Former Minister of Health for the Republic of Senegal, H.E. Madame Awa Marie Coll-Seck, who currently serves as the President of the National Committee Chair of the Initiative for Transparency in Extractive Industries (CN-ITIE), discussed the current situation regarding elderly care in Africa and in Senegal in particular.

‘In sub-Saharan Africa, political and health authorities are clearly announcing that the elderly are one of the priority vulnerable groups that are gradually becoming a priority population. Some countries, including South Africa, Benin, Nigeria, or Senegal, have developed action plans to protect, promote, or care for the elderly. These plans reflect the recommendations of the second World Assembly on Ageing (Madrid 2002) or WHO Strategies. More concretely for the elderly, countries such as South Africa have se up pension systems different from those reserved only for Retirees. Some, like Senegal, offer free basic health services,’ she said.

The panel discussion focused on healthcare, social protection, and welfare, as well as on the potential for sharing information and lessons between Asia and Africa. One of the topics featured was the development of long-term care systems, taking into consideration the role of the family in providing elder care. In Japan, for example, a long-term care insurance scheme was introduced that enabled older adults to be supported by society as a whole, instead of relying on families to shoulder all of the responsibility. However, such schemes are yet to be established in Africa or in many Asian countries such as Indonesia, where the concept of family-based care is still deeply rooted as a social norm.

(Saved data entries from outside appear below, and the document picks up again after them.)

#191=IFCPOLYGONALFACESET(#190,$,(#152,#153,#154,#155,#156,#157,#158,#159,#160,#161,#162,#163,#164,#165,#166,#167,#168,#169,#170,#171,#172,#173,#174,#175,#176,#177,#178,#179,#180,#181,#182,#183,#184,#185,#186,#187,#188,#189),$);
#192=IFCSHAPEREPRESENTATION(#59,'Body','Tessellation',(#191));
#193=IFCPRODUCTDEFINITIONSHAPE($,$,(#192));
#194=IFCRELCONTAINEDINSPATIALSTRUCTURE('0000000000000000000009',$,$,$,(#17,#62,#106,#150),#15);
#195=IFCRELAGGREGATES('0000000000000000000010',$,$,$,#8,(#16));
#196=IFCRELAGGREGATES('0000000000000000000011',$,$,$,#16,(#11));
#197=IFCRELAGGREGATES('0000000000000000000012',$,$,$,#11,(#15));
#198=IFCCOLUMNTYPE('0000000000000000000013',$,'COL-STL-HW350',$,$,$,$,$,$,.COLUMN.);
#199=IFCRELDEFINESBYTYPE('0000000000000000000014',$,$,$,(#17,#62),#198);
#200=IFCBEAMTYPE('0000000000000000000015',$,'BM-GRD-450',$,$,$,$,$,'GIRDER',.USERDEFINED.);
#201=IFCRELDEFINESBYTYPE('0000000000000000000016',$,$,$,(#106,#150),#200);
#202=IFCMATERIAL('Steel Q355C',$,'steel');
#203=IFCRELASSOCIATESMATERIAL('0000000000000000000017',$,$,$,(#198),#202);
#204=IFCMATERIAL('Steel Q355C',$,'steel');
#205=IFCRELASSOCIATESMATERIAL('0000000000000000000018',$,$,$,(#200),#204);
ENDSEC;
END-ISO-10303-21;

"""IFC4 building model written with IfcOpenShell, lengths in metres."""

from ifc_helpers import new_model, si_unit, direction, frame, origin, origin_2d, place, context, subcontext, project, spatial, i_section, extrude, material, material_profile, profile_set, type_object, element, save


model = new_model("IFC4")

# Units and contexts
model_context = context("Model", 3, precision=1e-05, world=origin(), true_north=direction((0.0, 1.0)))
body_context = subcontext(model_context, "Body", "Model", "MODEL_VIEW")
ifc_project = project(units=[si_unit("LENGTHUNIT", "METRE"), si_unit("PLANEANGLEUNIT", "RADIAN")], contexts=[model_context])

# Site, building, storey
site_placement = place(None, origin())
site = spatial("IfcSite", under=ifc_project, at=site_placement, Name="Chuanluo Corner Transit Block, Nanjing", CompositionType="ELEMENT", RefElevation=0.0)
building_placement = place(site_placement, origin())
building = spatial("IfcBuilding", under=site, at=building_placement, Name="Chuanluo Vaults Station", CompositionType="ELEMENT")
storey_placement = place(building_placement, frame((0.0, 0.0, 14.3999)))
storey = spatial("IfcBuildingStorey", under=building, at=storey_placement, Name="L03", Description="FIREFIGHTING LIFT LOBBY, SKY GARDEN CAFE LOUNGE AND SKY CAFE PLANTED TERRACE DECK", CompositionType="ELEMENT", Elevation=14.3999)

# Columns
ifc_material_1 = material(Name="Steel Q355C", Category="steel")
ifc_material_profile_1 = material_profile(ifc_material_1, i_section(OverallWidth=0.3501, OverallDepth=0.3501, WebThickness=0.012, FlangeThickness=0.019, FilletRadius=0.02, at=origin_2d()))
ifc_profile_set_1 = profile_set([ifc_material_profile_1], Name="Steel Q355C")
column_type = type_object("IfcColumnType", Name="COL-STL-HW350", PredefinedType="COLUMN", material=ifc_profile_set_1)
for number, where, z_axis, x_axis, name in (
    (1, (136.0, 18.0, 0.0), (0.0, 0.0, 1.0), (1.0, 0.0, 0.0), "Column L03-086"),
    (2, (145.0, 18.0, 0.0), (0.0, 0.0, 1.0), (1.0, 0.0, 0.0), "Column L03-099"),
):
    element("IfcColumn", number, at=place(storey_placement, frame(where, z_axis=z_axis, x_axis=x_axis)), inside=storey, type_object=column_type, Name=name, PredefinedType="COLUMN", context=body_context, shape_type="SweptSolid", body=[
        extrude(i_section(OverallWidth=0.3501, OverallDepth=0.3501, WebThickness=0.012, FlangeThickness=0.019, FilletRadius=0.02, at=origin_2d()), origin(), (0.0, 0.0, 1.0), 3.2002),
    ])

Facing the increasing number of older persons, relying on family care alone will not be feasible, and thus an integrated framework to provide care via governmental organisations and local communities will be necessary. In light of the diverse races and ethnic groups living in Africa, family values tend to be complicated and sensitive to traditional practices and social prejudice. There is no one simple solution that can be shared across regions, but it was agreed that countries should work toward taking a holistic approach to address the population ageing issue by learning from each other’s lessons and experiences, as well as identifying potential challenges.